Desenhe outra linha do polo anterior para o polo posterior e meça essa distância como diâmetro da lente, em seguida, copie esses comprimentos da janela Resultados para uma planilha e calcule a localização normalizada do núcleo da lente em relação ao raio da lente. Por três dias após a fertilização, as suturas anteriores formam-se no polo anterior e a convergência marcante das células é claramente visualizada pela coloração da fábula das membranas celulares de fibra estreita em embriões fixos. A rotulagem celular de fibra ampla mais forte na membrana de lente localizada mApple transgênico permite visualização ao vivo de subdomínios de membrana, mas não tem a convergência sutural.
As suturas posteriores podem ser visualizadas tanto in vitro quanto in vivo em três dias após a fertilização. Em um plano equatorial, a faloideina rotula fortemente as células externas de fibra cortical, revelando uma forma hexagonal achatada. A falooidina é excluída do núcleo de lentes compactadas e do tipo selvagem e das lentes mutantes parecem indistinguíveis.

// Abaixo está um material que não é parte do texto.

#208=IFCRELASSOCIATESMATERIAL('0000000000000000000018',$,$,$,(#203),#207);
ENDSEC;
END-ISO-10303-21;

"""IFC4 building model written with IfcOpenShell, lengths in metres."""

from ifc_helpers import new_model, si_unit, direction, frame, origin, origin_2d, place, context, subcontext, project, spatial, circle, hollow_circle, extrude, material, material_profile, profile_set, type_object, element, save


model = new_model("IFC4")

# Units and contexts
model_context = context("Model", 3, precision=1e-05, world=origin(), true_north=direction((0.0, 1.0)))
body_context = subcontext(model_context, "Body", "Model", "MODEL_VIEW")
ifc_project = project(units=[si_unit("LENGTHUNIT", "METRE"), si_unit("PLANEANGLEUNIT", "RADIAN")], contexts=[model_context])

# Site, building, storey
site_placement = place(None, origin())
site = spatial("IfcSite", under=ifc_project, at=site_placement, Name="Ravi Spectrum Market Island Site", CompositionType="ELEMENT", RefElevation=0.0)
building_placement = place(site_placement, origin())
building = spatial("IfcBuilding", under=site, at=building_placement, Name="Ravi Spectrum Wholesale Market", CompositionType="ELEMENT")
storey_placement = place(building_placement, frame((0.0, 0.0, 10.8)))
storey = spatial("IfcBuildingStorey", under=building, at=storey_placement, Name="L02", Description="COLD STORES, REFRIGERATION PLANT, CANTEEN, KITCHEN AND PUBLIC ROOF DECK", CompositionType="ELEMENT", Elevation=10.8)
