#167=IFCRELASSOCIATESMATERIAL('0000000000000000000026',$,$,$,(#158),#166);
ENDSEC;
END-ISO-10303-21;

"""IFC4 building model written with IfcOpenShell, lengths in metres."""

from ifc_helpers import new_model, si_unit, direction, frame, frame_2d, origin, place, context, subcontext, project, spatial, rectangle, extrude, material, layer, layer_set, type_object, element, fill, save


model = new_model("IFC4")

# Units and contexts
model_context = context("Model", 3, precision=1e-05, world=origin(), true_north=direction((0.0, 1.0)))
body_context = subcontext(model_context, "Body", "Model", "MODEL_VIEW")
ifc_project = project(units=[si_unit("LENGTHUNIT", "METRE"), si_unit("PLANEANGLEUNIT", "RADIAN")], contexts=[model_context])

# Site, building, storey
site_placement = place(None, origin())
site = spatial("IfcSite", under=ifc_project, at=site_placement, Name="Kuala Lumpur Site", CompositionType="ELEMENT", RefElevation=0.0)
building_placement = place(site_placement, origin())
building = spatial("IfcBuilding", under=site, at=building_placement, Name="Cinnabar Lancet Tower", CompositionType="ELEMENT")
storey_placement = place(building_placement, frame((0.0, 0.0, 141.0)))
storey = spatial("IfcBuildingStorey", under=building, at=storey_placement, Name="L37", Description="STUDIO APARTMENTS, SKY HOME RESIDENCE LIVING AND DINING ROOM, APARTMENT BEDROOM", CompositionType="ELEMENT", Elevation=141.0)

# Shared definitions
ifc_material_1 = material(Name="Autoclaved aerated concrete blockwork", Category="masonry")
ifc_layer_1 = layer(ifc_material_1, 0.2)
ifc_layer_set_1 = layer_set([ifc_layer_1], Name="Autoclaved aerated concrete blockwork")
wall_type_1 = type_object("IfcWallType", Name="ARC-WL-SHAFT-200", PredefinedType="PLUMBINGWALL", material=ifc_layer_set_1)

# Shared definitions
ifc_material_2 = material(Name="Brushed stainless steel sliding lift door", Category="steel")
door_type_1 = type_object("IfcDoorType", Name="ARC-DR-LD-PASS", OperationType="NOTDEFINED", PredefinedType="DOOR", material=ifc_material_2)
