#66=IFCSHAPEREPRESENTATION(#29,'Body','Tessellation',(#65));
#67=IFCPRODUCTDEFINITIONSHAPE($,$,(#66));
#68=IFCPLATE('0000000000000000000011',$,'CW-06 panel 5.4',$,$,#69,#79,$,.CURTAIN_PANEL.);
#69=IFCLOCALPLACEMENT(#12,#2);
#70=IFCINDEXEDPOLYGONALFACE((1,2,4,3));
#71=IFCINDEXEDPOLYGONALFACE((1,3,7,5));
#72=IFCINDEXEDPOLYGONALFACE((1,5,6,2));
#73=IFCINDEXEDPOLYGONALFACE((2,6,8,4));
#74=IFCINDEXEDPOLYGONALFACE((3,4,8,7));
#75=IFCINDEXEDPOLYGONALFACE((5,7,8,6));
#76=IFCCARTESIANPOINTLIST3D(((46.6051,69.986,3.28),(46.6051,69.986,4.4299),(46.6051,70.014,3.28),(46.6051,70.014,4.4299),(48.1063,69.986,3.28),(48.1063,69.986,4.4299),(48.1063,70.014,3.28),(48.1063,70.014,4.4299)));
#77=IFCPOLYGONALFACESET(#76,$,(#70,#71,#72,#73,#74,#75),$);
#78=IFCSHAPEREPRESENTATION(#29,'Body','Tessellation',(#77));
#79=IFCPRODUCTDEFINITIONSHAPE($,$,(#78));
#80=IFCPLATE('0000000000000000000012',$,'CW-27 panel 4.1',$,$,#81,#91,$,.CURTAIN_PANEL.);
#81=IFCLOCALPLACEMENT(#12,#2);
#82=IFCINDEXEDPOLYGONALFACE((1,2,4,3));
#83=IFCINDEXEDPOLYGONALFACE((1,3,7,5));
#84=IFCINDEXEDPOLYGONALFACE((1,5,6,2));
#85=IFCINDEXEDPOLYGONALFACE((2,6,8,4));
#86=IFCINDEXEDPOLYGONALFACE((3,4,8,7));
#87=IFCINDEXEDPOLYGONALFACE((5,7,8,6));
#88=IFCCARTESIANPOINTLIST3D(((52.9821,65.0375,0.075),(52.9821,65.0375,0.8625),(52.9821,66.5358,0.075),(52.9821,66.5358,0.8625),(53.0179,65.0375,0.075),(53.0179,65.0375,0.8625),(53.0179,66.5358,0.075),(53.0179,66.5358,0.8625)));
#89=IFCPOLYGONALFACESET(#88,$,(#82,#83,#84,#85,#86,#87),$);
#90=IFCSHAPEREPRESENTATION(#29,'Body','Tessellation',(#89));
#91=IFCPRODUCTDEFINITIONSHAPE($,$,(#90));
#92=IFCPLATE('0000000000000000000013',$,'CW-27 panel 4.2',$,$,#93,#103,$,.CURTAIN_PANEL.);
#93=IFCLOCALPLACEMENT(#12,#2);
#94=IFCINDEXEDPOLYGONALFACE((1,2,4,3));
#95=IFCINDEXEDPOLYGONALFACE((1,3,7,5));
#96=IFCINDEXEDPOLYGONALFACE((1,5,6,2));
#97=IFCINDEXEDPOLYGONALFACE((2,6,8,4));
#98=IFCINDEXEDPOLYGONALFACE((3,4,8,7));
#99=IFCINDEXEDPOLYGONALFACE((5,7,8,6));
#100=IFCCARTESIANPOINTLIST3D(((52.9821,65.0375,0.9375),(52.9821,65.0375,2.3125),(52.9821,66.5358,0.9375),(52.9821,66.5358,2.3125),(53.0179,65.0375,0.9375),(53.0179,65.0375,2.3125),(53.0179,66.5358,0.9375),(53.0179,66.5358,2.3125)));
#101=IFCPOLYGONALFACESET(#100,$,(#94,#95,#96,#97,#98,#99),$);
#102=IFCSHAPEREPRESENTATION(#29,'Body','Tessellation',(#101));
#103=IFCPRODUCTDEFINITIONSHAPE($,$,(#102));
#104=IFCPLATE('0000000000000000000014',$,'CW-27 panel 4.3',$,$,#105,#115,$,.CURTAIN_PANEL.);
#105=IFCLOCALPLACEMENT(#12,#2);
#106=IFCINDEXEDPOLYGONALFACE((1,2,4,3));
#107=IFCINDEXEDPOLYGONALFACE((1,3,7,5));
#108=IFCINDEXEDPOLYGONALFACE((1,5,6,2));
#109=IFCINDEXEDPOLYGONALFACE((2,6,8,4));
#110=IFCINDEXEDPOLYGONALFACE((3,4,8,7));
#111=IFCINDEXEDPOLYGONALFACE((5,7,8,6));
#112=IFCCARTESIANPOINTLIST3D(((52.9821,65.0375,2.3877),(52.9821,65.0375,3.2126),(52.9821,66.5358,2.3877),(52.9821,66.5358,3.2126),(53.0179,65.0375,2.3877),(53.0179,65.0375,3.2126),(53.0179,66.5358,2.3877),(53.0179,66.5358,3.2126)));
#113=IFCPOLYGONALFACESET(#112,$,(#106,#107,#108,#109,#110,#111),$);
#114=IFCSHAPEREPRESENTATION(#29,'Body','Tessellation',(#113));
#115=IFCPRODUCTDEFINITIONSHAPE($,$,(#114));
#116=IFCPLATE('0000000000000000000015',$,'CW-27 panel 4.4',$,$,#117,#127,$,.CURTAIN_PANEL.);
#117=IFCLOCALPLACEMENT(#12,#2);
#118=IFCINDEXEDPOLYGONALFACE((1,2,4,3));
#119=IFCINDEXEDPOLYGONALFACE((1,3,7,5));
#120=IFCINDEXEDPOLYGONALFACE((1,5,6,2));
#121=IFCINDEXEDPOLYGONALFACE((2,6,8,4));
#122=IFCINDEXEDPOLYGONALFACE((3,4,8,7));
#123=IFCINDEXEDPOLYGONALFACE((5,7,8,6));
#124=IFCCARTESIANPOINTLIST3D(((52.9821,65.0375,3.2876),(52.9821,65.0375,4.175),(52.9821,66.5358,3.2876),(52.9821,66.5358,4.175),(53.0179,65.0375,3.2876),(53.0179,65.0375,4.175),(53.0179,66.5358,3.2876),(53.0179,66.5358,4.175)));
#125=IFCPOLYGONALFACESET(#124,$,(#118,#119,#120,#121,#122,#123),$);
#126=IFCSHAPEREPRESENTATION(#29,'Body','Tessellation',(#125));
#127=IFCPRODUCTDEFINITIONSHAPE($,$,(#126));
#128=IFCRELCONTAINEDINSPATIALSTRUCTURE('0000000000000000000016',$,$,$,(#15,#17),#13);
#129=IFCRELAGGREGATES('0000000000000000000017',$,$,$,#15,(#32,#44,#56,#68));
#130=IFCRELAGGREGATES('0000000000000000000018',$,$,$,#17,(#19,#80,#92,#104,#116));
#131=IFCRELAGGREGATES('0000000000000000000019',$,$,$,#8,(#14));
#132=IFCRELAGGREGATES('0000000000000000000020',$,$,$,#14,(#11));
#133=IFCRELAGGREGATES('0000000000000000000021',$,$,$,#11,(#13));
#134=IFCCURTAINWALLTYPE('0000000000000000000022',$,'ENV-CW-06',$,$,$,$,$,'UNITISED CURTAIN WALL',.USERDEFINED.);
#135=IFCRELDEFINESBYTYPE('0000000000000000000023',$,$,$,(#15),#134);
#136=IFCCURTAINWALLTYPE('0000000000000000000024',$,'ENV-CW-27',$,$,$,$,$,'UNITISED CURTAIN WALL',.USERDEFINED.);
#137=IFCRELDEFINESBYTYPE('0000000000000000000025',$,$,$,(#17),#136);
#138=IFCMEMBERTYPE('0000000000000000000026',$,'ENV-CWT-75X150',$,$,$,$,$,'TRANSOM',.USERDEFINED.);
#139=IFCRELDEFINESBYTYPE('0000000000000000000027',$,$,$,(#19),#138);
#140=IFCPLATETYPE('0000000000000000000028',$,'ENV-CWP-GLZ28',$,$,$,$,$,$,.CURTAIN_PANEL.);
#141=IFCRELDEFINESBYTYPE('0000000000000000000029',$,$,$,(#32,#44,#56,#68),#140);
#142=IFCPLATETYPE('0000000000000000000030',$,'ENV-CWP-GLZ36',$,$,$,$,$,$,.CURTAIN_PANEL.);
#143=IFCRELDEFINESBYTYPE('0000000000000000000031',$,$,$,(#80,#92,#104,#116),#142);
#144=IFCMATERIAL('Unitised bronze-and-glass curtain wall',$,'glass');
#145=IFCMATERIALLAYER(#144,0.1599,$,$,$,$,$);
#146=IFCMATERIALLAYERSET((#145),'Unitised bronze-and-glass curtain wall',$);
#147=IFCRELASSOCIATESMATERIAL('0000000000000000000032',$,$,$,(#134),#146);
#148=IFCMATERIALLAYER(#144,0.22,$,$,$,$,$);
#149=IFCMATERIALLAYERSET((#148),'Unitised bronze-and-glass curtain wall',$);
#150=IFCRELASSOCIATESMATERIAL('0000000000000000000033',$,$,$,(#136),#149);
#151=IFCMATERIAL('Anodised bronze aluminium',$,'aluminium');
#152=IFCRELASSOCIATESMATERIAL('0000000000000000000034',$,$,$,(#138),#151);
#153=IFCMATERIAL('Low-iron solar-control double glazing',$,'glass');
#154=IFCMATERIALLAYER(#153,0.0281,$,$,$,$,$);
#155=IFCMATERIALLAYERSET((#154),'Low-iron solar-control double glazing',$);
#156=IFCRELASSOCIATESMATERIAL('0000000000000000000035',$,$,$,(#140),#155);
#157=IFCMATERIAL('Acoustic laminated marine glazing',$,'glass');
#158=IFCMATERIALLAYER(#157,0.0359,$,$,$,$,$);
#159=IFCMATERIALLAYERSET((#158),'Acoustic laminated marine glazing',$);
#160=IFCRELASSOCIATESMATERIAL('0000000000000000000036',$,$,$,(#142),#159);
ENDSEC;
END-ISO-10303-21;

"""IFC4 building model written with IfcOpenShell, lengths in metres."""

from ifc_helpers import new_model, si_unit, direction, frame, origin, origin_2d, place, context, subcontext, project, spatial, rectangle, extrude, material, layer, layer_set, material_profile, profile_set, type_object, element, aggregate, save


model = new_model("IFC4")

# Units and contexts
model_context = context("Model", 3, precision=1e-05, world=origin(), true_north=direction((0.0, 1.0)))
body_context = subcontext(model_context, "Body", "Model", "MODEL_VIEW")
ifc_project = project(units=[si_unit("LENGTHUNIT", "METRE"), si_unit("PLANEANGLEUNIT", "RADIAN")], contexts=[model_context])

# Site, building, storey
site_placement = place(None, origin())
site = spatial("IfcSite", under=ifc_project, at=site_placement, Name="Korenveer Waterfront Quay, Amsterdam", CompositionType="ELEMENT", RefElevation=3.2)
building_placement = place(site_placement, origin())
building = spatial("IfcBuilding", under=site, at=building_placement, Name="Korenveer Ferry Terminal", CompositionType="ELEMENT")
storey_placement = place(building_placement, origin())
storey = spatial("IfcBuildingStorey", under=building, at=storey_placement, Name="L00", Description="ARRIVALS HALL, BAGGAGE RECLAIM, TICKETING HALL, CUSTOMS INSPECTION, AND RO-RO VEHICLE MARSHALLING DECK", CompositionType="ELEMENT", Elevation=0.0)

A forte rotulagem de células de fibra ampla em mosaicos mApple localizados em membrana de lentes revelam interrupções no volume celular dentro da lente mutante. Como a expressão transgênica não é limitada pela permeabilidade, alguns mosaicos revelam rotulagem do núcleo de lentes. Em animais do tipo selvagem, o núcleo das lentes começa mais perto do polo de lente anterior durante os estágios iniciais de desenvolvimento antes de centralizar durante a vida adulta.
Expressão de proteínas com marca verde em um hospedeiro transgênico no qual as membranas celulares fluoresce vermelho permite a localização simultânea da proteína, bem como a avaliação da morfologia das células de fibra in vivo. Os zebrafish são especialmente adequados para estudos in vivo. Usando as ferramentas descritas aqui, podemos sondar mecanismos de lentes, em grande parte estudados in vitro, em um sistema in vivo.